NOT after finding this.

Have found something WAY more natural tasting, sweet.

AND cheap as it can get.

Highly recommend to try.

40 oz bottles, cheapest,  about $2.50, at moment "out of stock"

18 oz bottles available @ $1.48.

DON'T be fooled and dismiss it by the low price.

Seems to be not on shelves, we order from Walmart online....Marc

https://www.walmart.com/ip/Sam-s-Ch...r&athmtid=eroData&athznid=eroData&athena=true

https://www.walmart.com/ip/Sam-s-Choice-Sweet-Rich-BBQ-Sauce-18-oz/36793483


----------



## mikeymjr23 (Jul 4, 2017)

I'll have to try that. We've been watching our sugar intake, and I've fallen in love with this stuff. 

https://www.wegmans.com/products/gr...s/barbecue-sauce/memphis-style-bbq-sauce.html

Not sure if you can order it or not, but I have 2 Wegmans within 10 minutes from home and 1 across the street from work. 

I use it on everything BBQ and today will be no different.


----------



## chef jimmyj (Jul 4, 2017)

Give this a shot. It will ALWAYS compliment your Q 'cause Your Rub provides the spice..JJ

*KC Bubba Q Juice*

.

2C Ketchup

1/2C Brown Mustard (Gulden's)

1/4C Apple Cider Vinegar

1/2C Molasses

2C Dark Brn Sugar

1T Tomato Paste

1T Your Rub

1-2tsp Liquid Smoke (optional*)

1tsp Worcestershire Sauce

Combine all and warm over low heat just until it starts to bubble. Simmer about 5 minutes, stirring very frequently, to combine flavors and to thicken slightly.

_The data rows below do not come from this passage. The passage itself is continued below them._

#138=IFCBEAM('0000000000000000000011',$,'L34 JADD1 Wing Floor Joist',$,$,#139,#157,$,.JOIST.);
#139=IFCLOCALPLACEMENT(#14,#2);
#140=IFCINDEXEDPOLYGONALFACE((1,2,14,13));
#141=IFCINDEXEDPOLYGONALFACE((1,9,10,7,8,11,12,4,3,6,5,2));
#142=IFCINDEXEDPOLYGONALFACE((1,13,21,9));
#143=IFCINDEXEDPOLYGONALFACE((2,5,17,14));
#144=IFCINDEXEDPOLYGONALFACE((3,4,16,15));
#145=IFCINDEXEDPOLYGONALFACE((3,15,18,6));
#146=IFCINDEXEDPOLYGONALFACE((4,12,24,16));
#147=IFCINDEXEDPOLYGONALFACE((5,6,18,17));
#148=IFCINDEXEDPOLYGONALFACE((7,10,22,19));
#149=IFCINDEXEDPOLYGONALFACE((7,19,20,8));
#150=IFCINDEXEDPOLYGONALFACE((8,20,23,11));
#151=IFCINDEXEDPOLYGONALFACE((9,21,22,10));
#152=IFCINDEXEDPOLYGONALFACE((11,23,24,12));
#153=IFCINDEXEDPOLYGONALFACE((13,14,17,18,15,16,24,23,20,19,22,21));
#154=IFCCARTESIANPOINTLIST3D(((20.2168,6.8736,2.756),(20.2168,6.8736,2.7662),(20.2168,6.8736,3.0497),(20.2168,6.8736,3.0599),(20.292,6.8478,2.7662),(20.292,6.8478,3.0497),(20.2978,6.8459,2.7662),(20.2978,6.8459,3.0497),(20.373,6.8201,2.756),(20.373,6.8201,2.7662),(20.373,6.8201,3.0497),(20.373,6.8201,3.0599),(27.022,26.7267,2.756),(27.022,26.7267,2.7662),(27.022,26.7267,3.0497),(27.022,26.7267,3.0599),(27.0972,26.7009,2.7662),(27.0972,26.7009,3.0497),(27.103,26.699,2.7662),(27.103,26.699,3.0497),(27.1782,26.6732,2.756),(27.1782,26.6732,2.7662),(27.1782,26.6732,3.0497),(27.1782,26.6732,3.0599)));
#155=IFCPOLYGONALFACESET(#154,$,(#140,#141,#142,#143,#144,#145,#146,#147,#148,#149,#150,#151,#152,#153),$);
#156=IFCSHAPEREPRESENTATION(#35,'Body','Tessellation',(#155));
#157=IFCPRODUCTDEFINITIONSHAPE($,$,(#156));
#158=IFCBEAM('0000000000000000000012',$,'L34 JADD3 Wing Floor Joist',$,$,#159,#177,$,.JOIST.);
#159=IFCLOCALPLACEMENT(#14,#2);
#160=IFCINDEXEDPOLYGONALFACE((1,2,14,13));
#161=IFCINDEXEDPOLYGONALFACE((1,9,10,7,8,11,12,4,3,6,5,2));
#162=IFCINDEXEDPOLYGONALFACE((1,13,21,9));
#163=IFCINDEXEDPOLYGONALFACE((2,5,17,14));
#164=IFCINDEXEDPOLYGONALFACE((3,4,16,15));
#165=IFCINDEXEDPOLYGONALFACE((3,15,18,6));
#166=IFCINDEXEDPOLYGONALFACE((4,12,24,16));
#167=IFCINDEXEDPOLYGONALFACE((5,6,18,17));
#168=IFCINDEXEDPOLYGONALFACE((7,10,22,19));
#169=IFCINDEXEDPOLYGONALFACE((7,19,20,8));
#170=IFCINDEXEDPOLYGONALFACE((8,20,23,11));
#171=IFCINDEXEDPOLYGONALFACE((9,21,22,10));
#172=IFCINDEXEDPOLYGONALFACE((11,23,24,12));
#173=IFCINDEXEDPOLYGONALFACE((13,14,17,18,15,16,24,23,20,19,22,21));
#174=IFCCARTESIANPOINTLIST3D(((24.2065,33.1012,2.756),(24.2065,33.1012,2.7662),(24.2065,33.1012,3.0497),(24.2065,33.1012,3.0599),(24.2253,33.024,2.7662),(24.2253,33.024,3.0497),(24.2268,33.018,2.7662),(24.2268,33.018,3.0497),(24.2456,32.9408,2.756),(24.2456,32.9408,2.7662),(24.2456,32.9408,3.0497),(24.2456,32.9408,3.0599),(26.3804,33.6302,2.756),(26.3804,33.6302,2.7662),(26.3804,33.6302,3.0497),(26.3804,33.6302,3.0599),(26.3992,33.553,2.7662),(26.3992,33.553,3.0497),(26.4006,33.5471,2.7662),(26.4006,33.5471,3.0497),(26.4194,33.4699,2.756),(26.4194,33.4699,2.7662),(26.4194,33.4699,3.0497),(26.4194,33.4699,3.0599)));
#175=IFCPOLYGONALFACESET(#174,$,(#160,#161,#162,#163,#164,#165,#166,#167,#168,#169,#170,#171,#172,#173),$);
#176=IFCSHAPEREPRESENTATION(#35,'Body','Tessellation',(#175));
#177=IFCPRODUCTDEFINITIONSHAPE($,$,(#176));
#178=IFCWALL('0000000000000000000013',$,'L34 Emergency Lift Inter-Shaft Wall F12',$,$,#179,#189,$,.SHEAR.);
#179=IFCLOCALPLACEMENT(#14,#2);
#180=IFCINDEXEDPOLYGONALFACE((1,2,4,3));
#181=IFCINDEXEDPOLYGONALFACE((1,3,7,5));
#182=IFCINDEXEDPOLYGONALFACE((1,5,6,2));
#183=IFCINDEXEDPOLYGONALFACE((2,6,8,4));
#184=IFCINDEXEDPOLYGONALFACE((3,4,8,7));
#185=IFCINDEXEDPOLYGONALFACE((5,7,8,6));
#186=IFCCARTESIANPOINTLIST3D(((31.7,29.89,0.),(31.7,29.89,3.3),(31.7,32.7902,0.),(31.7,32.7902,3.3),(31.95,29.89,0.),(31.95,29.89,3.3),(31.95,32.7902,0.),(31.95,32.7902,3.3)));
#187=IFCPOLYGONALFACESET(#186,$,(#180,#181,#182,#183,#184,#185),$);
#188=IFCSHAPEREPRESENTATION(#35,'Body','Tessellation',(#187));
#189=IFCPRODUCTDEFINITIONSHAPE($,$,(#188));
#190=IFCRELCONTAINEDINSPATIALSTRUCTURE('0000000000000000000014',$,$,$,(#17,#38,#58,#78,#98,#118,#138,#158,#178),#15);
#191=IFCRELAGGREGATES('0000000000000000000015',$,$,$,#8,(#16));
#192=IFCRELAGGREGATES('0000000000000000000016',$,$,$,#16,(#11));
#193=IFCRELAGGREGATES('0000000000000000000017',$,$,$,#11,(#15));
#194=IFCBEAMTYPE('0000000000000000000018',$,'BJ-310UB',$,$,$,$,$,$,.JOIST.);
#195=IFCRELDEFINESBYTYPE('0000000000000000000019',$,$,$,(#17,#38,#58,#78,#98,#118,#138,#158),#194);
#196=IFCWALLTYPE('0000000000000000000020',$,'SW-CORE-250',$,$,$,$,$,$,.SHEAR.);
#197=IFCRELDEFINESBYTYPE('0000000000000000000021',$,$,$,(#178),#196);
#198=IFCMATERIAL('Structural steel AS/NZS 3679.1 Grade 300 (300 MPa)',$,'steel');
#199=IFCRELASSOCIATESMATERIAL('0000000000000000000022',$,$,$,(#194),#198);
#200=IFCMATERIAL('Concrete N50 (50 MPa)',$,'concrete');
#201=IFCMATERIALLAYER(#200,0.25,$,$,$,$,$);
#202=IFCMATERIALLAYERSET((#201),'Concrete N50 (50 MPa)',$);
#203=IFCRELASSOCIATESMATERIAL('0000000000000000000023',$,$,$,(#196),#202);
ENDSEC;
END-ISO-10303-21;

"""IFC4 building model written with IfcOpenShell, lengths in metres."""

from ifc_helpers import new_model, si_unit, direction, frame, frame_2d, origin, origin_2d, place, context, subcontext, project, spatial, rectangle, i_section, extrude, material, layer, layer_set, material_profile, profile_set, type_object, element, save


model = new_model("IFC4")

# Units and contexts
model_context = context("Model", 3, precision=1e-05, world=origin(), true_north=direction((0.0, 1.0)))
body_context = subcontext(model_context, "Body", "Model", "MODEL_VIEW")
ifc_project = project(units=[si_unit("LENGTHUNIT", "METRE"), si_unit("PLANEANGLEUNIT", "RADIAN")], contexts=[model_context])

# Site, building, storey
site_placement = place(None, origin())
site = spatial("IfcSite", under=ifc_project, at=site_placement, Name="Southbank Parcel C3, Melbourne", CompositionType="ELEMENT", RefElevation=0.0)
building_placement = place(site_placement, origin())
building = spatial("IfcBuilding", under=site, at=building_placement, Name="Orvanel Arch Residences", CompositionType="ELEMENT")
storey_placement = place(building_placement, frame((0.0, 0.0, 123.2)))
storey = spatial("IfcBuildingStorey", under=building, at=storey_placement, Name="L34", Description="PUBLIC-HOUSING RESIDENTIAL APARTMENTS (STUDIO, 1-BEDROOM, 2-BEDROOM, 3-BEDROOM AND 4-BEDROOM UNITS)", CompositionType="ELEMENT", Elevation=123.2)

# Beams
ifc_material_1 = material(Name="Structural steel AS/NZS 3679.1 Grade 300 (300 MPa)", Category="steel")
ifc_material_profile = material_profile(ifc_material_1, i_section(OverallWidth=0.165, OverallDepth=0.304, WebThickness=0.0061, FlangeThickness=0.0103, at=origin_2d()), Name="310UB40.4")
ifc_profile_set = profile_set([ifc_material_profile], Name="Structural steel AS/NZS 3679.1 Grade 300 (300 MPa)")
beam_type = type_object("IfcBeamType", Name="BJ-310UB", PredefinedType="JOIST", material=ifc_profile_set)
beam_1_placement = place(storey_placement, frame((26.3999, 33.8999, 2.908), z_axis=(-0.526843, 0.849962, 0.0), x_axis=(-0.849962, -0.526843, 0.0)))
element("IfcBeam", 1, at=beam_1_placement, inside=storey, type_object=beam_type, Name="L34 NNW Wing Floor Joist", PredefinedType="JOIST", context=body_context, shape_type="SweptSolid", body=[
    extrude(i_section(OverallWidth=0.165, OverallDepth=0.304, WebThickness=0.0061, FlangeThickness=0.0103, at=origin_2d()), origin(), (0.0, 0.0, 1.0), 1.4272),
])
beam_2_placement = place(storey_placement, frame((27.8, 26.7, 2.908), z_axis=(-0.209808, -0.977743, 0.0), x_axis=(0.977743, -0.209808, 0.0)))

Use or pour into a sterile jar and refrigerate for up to 4 weeks.

Makes 3 1/2 Cups.

Note*: I add liq smoke because my kids put this on everything.


----------



## mikeymjr23 (Jul 4, 2017)

Sounds good to me!


----------



## joe black (Jul 4, 2017)

The very best that I have found is Jeffs recipes for rub and sauce that are available here on the site.  They are both very user friendly and can be tweaked to satisfy your personal taste.  Less heat, more sweet or vice versa.

A good feature of the recipes is that the proceeds go to support the site.


----------



## marctrees (Jul 5, 2017)

Joe - Probably very well true, but it still all comes back to everyone has differing tastes due to infinite reasons.

Even though some are just plain better than others for the mass palate.

My budget is very tight, I just put together what I have.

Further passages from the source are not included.